Some people have experienced premium joy. This has come from the Federally Facilitated Health Insurance Marketplace in Indianapolis. Hoosiers have been eligible for subsidized premiums in the marketplace.  The average subsidy we are seeing is about $2,800 a year.  On the high end, we have help many Hoosier in their early 60’s pick up subsidies for over $11,000 a year. The biggest subsidy I have seen so far is $15,900.  This has created a lot of premium joy for Indianapolis residents. They have had to make some difficult decisions on doctors though; the networks on the exchange plans are 40% smaller than what they use to be. In some areas there is no access to primary care doctors. There has been a lot of frustration getting these policies but now the process is getting a lot better.

Guaranteed Issue in the individual market has helped a lot people. When we look at policies off of the exchange, there is no more underwriting. This has increased premiums!  If you don’t qualify for a subsidized plan you may have premium shock.  Many young families in the area have been content with a $700 per month premium. That is no longer the case; these young families now are looking at $1,200 a month for a similar policy. On the plus side, the new policies have more coverage and cover maternity.

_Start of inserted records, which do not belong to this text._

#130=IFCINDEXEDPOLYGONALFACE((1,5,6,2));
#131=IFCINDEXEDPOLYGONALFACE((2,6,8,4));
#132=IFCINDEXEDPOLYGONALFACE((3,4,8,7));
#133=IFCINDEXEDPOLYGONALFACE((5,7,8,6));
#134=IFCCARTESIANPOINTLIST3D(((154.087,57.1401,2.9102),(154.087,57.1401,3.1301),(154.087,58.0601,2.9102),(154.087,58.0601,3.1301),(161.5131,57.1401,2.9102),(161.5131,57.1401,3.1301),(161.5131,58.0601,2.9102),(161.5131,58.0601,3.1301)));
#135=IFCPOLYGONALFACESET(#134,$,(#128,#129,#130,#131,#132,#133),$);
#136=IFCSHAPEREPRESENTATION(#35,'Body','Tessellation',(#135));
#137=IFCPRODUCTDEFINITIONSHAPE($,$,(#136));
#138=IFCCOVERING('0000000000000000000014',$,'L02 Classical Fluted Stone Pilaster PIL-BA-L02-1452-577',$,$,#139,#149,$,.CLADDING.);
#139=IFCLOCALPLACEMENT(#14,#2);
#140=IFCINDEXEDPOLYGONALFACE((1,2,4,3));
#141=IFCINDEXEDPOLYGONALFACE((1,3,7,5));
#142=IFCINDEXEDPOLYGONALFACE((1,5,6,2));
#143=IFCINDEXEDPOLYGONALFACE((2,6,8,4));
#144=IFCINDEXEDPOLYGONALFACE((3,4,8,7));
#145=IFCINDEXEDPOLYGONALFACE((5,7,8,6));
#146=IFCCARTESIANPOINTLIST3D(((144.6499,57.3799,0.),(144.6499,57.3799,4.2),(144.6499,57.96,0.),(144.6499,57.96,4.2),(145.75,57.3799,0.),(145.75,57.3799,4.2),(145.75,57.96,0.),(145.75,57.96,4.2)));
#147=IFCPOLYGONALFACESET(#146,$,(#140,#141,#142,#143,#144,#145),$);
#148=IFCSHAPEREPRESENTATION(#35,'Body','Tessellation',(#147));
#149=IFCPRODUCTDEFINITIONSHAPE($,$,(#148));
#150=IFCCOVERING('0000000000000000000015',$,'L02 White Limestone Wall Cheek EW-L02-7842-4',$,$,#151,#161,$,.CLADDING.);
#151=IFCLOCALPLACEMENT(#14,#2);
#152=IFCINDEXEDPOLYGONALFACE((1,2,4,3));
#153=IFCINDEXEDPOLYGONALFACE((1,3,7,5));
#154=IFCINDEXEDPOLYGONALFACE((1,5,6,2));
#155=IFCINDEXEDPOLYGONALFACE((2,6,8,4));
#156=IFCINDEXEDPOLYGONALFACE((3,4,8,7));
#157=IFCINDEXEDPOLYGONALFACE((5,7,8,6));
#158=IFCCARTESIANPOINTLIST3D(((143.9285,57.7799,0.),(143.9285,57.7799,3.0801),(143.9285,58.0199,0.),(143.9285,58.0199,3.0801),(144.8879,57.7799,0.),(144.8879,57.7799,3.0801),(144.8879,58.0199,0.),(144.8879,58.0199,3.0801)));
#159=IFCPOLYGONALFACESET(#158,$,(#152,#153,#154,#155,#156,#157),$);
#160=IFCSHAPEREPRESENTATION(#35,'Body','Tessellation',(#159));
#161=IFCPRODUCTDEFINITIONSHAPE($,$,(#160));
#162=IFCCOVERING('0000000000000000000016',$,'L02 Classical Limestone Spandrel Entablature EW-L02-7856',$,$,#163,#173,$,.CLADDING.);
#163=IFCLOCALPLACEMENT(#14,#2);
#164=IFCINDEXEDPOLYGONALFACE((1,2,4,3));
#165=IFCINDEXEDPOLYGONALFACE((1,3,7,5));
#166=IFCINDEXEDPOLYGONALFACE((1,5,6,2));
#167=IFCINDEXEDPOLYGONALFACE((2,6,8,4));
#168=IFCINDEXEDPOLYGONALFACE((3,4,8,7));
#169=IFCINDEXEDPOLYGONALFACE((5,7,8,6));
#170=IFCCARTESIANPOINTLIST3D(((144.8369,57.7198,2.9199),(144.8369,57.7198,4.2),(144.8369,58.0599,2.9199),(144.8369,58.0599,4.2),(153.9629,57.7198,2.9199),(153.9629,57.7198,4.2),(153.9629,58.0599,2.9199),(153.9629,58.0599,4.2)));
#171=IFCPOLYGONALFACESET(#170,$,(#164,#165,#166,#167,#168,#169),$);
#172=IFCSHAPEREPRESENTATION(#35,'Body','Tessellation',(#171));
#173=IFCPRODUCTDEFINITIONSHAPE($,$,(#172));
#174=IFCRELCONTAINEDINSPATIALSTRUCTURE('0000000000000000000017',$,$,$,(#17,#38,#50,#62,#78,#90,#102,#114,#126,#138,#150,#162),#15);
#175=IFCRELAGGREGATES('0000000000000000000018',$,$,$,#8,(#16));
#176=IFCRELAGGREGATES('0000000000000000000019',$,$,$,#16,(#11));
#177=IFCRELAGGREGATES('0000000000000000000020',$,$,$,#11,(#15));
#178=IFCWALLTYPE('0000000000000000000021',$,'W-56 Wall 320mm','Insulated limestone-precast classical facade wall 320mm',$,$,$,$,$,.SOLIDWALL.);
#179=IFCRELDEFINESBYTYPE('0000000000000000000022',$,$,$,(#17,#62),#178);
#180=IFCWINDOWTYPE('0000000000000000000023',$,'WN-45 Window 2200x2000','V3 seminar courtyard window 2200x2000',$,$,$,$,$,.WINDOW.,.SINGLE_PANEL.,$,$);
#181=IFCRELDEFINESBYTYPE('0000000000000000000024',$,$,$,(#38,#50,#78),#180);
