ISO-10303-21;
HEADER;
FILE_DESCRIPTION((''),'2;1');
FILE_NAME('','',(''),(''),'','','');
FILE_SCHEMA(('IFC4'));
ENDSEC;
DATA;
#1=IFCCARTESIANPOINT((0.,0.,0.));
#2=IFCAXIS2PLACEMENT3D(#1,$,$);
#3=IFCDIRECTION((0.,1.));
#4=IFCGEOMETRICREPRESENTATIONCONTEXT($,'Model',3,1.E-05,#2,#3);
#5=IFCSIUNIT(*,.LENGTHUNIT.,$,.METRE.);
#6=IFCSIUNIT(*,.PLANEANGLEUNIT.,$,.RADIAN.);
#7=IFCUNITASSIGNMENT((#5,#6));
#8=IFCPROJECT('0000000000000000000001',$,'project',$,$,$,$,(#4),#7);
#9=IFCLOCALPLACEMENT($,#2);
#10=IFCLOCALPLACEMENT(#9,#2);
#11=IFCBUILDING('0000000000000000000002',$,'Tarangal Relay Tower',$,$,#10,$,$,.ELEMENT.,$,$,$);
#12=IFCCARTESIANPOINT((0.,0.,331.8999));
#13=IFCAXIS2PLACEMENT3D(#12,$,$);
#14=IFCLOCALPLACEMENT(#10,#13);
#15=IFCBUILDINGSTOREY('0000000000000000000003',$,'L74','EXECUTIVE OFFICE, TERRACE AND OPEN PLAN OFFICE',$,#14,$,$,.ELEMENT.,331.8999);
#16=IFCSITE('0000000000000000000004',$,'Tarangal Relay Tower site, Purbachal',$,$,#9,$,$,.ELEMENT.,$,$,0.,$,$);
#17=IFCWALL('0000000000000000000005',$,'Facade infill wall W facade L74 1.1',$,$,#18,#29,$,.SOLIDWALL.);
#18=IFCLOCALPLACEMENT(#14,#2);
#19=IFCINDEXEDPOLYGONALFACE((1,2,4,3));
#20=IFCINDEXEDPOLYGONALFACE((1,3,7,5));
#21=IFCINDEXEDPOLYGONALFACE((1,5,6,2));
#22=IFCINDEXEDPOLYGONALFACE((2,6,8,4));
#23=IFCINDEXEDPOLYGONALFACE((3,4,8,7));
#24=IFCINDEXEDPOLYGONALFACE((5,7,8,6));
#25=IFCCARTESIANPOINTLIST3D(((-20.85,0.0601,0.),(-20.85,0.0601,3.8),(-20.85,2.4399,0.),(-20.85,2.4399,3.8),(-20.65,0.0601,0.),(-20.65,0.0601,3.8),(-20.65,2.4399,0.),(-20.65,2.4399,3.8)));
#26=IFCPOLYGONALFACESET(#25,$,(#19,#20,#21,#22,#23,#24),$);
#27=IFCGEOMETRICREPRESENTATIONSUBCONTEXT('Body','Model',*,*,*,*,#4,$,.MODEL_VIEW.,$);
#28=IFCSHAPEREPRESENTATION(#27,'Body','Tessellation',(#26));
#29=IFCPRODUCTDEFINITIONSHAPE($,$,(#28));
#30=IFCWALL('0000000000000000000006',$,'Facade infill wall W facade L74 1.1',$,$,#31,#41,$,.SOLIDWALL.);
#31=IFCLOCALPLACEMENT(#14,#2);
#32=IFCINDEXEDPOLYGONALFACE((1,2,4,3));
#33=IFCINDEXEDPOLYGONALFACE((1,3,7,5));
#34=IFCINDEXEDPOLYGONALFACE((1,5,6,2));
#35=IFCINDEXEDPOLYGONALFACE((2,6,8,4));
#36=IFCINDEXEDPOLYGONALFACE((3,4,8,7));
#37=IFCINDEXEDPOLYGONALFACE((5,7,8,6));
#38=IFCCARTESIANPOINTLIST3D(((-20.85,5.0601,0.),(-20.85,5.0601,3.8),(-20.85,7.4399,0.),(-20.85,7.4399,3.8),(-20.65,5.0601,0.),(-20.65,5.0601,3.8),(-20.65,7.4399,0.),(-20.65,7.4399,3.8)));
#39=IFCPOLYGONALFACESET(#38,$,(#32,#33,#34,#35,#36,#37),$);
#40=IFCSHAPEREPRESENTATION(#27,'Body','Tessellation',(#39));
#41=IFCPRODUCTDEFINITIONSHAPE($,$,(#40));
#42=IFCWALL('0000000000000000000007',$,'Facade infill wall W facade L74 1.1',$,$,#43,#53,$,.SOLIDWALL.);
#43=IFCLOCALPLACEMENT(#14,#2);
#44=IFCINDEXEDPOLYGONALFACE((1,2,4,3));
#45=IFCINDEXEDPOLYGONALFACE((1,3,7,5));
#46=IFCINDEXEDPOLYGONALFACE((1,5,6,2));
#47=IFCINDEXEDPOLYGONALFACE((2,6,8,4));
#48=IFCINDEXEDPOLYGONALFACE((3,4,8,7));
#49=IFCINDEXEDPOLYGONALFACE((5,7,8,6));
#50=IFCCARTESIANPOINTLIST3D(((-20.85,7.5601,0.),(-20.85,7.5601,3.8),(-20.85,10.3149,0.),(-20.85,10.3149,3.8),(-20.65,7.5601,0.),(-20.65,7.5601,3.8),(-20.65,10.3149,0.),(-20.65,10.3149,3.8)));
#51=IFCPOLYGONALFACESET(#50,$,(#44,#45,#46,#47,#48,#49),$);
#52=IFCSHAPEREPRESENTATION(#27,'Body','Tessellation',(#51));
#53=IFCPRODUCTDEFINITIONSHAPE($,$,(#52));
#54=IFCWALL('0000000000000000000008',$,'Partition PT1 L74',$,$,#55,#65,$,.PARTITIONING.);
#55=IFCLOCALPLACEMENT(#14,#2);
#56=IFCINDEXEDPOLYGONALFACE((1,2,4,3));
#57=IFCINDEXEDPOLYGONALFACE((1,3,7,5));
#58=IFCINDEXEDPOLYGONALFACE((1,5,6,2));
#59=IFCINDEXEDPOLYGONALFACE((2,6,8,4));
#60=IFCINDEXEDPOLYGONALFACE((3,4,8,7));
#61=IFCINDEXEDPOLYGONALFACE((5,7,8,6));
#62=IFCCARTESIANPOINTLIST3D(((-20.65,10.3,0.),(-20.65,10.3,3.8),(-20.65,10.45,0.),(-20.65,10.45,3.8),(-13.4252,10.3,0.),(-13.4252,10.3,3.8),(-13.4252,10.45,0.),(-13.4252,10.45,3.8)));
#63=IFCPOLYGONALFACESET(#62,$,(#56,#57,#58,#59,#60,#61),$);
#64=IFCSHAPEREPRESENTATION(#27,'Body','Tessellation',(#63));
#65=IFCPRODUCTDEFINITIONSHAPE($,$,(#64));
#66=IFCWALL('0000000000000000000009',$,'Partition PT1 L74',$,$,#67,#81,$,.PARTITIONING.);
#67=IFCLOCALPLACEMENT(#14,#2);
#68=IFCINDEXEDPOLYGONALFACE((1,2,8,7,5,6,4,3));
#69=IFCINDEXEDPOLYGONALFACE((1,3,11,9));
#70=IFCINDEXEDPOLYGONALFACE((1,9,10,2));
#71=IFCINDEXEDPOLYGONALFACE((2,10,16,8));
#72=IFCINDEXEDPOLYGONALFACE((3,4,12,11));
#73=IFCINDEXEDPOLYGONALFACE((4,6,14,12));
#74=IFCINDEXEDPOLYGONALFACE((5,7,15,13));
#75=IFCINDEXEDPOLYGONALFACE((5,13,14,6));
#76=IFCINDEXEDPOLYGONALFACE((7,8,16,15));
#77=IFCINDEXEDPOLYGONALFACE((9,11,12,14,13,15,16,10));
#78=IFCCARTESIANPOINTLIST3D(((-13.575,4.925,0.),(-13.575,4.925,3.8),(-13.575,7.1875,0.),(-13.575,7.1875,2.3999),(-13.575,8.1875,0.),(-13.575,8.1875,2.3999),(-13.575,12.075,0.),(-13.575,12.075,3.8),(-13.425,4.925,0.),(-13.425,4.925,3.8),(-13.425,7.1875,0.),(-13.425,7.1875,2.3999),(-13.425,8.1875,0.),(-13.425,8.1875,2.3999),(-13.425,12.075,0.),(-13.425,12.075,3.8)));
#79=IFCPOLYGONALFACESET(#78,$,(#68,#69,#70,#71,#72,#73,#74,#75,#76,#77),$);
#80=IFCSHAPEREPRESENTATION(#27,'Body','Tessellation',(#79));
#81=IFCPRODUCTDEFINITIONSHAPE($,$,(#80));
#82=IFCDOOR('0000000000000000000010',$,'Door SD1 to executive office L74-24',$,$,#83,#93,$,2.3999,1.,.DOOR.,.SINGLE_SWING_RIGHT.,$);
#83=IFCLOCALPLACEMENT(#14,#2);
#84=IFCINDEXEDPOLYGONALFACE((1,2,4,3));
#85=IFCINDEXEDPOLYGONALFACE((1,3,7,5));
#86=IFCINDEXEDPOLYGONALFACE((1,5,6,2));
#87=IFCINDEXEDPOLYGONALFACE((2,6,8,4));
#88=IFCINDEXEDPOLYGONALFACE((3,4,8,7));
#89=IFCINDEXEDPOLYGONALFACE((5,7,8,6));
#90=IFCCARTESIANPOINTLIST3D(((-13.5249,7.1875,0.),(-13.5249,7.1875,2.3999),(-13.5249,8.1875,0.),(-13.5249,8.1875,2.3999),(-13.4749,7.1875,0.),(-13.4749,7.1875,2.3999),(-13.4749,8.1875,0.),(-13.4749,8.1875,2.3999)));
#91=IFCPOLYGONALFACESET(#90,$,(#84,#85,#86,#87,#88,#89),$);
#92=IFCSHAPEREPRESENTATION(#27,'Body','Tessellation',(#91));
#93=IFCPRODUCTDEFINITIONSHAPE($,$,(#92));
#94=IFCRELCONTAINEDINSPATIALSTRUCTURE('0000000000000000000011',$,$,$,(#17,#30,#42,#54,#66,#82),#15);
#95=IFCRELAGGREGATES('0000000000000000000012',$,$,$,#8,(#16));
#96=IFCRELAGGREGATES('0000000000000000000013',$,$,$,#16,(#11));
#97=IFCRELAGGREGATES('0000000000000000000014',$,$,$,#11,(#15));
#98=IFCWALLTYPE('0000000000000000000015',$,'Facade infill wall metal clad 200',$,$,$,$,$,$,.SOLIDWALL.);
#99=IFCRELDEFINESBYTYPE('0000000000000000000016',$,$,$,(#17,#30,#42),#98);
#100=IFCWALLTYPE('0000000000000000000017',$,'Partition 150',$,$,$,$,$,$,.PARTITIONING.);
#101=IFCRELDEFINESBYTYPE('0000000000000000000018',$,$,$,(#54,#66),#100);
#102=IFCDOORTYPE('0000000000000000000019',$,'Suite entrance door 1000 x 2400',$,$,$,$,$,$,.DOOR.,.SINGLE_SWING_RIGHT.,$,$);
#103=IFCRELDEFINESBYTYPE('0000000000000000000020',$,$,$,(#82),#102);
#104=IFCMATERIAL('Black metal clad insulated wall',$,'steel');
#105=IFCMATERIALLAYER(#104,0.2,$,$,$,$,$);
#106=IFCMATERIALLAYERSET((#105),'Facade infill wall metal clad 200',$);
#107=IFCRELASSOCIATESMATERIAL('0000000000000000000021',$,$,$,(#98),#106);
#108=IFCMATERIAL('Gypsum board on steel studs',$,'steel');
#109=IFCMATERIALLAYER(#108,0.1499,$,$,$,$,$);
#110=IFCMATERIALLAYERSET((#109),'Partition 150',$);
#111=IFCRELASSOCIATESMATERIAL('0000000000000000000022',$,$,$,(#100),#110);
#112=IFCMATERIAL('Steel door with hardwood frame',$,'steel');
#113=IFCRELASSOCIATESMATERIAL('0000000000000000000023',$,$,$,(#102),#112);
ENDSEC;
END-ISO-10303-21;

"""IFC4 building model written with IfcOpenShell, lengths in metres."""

from ifc_helpers import new_model, si_unit, direction, frame, frame_2d, origin, place, context, subcontext, project, spatial, rectangle, extrude, material, layer, layer_set, type_object, element, fill, save


model = new_model("IFC4")

# Units and contexts
model_context = context("Model", 3, precision=1e-05, world=origin(), true_north=direction((0.0, 1.0)))
body_context = subcontext(model_context, "Body", "Model", "MODEL_VIEW")
ifc_project = project(units=[si_unit("LENGTHUNIT", "METRE"), si_unit("PLANEANGLEUNIT", "RADIAN")], contexts=[model_context])

# Site, building, storey
site_placement = place(None, origin())
site = spatial("IfcSite", under=ifc_project, at=site_placement, Name="Tarangal Relay Tower site, Purbachal", CompositionType="ELEMENT", RefElevation=0.0)
building_placement = place(site_placement, origin())
building = spatial("IfcBuilding", under=site, at=building_placement, Name="Tarangal Relay Tower", CompositionType="ELEMENT")
storey_placement = place(building_placement, frame((0.0, 0.0, 331.8999)))
storey = spatial("IfcBuildingStorey", under=building, at=storey_placement, Name="L74", Description="EXECUTIVE OFFICE, TERRACE AND OPEN PLAN OFFICE", CompositionType="ELEMENT", Elevation=331.8999)

# Shared definitions
ifc_material_1 = material(Name="Steel door with hardwood frame", Category="steel")

# Walls
ifc_material_2 = material(Name="Black metal clad insulated wall", Category="steel")
ifc_layer_1 = layer(ifc_material_2, 0.2)
ifc_layer_set_1 = layer_set([ifc_layer_1], Name="Facade infill wall metal clad 200")
wall_type_1 = type_object("IfcWallType", Name="Facade infill wall metal clad 200", PredefinedType="SOLIDWALL", material=ifc_layer_set_1)
for number, where, z_axis, x_axis, name in (
    (1, (-20.75, 0.0601, 0.0), (0.0, 0.0, 1.0), (0.0, 1.0, 0.0), "Facade infill wall W facade L74 1.1"),
    (2, (-20.75, 5.0601, 0.0), (0.0, 0.0, 1.0), (0.0, 1.0, 0.0), "Facade infill wall W facade L74 1.1"),
):
    element("IfcWall", number, at=place(storey_placement, frame(where, z_axis=z_axis, x_axis=x_axis)), inside=storey, type_object=wall_type_1, Name=name, PredefinedType="SOLIDWALL", context=body_context, shape_type="SweptSolid", body=[
        extrude(rectangle(XDim=2.3799, YDim=0.2, at=frame_2d((1.1899, 0.0))), origin(), (0.0, 0.0, 1.0), 3.8),
    ])
wall_1_placement = place(storey_placement, frame((-20.75, 7.5601, 0.0), z_axis=(0.0, 0.0, 1.0), x_axis=(0.0, 1.0, 0.0)))
element("IfcWall", 3, at=wall_1_placement, inside=storey, type_object=wall_type_1, Name="Facade infill wall W facade L74 1.1", PredefinedType="SOLIDWALL", context=body_context, shape_type="SweptSolid", body=[
    extrude(rectangle(XDim=2.7549, YDim=0.2, at=frame_2d((1.3774, 0.0))), origin(), (0.0, 0.0, 1.0), 3.8),
])
ifc_material_3 = material(Name="Gypsum board on steel studs", Category="steel")
ifc_layer_2 = layer(ifc_material_3, 0.1499)
ifc_layer_set_2 = layer_set([ifc_layer_2], Name="Partition 150")
wall_type_2 = type_object("IfcWallType", Name="Partition 150", PredefinedType="PARTITIONING", material=ifc_layer_set_2)
wall_2_placement = place(storey_placement, frame((-20.6499, 10.375, 0.0), z_axis=(0.0, 0.0, 1.0), x_axis=(1.0, 0.0, 0.0)))
element("IfcWall", 4, at=wall_2_placement, inside=storey, type_object=wall_type_2, Name="Partition PT1 L74", PredefinedType="PARTITIONING", context=body_context, shape_type="SweptSolid", body=[
    extrude(rectangle(XDim=7.2249, YDim=0.1499, at=frame_2d((3.6123, 0.0))), origin(), (0.0, 0.0, 1.0), 3.8),
])

# Wall, opening, door
wall_3_placement = place(storey_placement, frame((-13.5, 4.925, 0.0), z_axis=(0.0, 0.0, 1.0), x_axis=(0.0, 1.0, 0.0)))
wall_3 = element("IfcWall", 5, at=wall_3_placement, inside=storey, type_object=wall_type_2, Name="Partition PT1 L74", PredefinedType="PARTITIONING", context=body_context, shape_type="SweptSolid", body=[
    extrude(rectangle(XDim=7.1499, YDim=0.1499, at=frame_2d((3.575, 0.0))), origin(), (0.0, 0.0, 1.0), 3.8),
])
opening_1_placement = place(wall_3_placement, frame((2.2625, 0.0, 0.0)))
opening_1 = element("IfcOpeningElement", 6, at=opening_1_placement, cuts=wall_3, PredefinedType="OPENING", context=body_context, shape_type="SweptSolid", body=[
    extrude(rectangle(XDim=1.0, YDim=2.3999, at=frame_2d((0.5, 1.2))), frame((0.0, 0.085, 0.0), z_axis=(0.0, -1.0, 0.0), x_axis=(1.0, 0.0, 0.0)), (0.0, 0.0, 1.0), 0.1699),
])
door_type_1 = type_object("IfcDoorType", Name="Suite entrance door 1000 x 2400", OperationType="SINGLE_SWING_RIGHT", PredefinedType="DOOR", material=ifc_material_1)
door_1_placement = place(opening_1_placement, origin())
door_1 = element("IfcDoor", 7, at=door_1_placement, inside=storey, type_object=door_type_1, Name="Door SD1 to executive office L74-24", OperationType="SINGLE_SWING_RIGHT", OverallHeight=2.3999, OverallWidth=1.0, PredefinedType="DOOR", context=body_context, shape_type="SweptSolid", body=[
    extrude(rectangle(XDim=1.0, YDim=2.3999, at=frame_2d((0.5, 1.2))), frame((0.0, 0.0249, 0.0), z_axis=(0.0, -1.0, 0.0), x_axis=(1.0, 0.0, 0.0)), (0.0, 0.0, 1.0), 0.05),
])
fill(opening_1, door_1)

save(model, "model.ifc")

One of the key benefits to these new off-the-exchange policies is the traditional PPO network. Not all of the off the exchange policies have it but a few still do. So if you do not want to have to decide between doctors at medical facilities and would rather have the ability to go to almost any doctor, you still have this option.  The interesting thing is these traditional PPO plans cost about the same as narrow network plans.

Remember: there is an open enrollment season right now that ends on March 31 for both on and off the exchange plans. Get signed up now!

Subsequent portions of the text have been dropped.